4 text_loader = TextLoader(directory_to_file)
ModuleNotFoundError: No module named 'langchain.document_loaders'
You can now pass the contents of the loaded document to the embed_documents method, but we will run into an issue because the text is too long for the chose model:
try:
response = embeddings.embed_documents([documents[0].page_content])
except Exception as e:
print(e)
We need to split the long text into chunks of 512 tokens. We could create our own loop and process the contents of the document, but fortunately LangChain offers text splitters that we can use together with the document loader to split the loaded text into sequences of the right length and return each chunk as an individual Document objects:
from langchain_text_splitters import CharacterTextSplitter
# Create a text splitter that splits into chunks of 512 tokens
text_splitter = CharacterTextSplitter.from_tiktoken_encoder(
encoding_name="cl100k_base", chunk_size=512, chunk_overlap=0
)
# Load the text and split it into Document objects
documents = text_loader.load_and_split(text_splitter=text_splitter)
Hint
How text gets split into tokens (the encoding) differs from model to model. The encoding above is technically only correct for GPT 3.5 and GPT 4, but it is usually close enough to work with other models, too.

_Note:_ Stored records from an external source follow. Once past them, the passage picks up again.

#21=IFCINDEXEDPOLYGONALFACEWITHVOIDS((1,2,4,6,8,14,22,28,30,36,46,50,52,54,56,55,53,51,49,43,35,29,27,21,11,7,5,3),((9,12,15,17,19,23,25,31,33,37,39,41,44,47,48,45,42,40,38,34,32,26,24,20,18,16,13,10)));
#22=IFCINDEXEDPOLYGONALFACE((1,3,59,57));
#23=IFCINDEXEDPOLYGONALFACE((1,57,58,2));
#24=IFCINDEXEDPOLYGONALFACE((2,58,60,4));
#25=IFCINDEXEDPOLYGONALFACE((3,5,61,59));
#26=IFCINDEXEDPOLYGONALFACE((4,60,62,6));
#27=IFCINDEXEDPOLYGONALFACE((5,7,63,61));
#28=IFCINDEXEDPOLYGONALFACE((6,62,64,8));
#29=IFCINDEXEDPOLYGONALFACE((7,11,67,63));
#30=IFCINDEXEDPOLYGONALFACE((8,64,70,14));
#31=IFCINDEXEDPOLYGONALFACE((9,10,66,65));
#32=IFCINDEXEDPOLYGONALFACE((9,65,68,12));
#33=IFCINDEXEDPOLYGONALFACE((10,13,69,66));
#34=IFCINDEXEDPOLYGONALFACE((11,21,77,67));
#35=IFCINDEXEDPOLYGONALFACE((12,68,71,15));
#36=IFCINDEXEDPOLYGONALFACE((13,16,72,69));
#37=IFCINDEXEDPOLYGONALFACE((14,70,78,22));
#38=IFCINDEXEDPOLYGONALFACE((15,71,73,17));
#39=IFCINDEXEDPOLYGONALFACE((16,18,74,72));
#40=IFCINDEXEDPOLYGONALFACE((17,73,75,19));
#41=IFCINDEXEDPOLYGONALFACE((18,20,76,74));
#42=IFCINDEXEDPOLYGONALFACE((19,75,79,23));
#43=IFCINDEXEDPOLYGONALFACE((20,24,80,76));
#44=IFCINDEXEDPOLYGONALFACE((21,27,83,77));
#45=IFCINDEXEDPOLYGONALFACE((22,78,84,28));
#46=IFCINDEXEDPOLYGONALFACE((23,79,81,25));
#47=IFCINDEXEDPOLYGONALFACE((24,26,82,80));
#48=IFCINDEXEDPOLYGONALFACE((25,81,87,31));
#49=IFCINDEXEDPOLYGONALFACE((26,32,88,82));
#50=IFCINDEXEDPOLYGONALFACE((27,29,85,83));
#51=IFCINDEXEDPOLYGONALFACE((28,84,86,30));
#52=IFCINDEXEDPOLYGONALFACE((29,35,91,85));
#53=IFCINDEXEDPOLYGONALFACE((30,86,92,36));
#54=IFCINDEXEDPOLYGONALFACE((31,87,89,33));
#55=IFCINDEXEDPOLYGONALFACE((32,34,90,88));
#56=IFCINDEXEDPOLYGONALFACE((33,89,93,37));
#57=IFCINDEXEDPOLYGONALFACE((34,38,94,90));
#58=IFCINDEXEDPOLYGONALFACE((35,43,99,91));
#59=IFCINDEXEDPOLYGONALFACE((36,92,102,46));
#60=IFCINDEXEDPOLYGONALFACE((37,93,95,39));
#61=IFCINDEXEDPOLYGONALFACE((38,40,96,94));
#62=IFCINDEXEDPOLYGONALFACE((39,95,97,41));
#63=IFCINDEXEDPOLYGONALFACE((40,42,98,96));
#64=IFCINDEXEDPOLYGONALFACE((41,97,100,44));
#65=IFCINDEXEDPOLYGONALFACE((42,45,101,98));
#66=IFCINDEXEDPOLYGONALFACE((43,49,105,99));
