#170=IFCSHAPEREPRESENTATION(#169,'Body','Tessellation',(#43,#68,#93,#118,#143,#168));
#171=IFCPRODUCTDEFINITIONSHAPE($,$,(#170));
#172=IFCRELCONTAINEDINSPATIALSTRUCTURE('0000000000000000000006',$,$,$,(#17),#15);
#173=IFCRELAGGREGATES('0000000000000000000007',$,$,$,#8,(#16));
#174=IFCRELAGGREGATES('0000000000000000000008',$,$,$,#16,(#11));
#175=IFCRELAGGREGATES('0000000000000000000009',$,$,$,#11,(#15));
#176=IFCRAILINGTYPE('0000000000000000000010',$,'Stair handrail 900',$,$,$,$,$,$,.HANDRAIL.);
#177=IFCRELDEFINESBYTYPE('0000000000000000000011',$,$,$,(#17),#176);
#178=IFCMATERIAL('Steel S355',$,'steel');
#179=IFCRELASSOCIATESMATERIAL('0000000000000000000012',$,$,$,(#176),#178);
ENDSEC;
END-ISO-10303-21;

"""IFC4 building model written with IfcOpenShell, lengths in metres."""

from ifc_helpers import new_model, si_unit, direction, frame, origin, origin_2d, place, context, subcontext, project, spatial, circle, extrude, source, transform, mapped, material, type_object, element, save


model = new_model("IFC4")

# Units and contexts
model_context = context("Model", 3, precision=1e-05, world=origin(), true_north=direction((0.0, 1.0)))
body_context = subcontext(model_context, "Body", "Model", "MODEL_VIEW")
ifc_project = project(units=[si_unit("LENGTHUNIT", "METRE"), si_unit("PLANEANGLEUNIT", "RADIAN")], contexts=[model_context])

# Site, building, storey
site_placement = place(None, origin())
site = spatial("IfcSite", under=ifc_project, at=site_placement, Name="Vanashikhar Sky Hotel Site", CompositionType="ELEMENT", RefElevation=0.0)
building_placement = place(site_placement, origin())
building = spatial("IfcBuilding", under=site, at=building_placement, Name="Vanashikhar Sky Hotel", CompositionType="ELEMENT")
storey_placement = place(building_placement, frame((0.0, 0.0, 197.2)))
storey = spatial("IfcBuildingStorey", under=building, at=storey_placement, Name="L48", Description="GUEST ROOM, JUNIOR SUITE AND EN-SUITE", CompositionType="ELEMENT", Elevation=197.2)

Now that we have turned our text into chunks of the correct length, let’s embed them all by passing them to the embed_documents method:
[d.page_content for d in documents]
embedded_vectors = embeddings.embed_documents([d.page_content for d in documents])
print(
f"Embedding {len(documents)} chunks as {len(embedded_vectors)} vectors with {len(embedded_vectors[0])} dimensions."
)
Summary#
Embeddings are representation of strings as numbers. Using the embed_query and embed_documents functions, we can get the embeddings of text. This lets us do many exciting operations to represent how different words are related to each other.
With embed_documents we can take advantage of LangChain’s Document class to embed content from files.
The batch size of the default embedding model is 512 tokens. Using a text splitter can help to ensure the correct sequence length.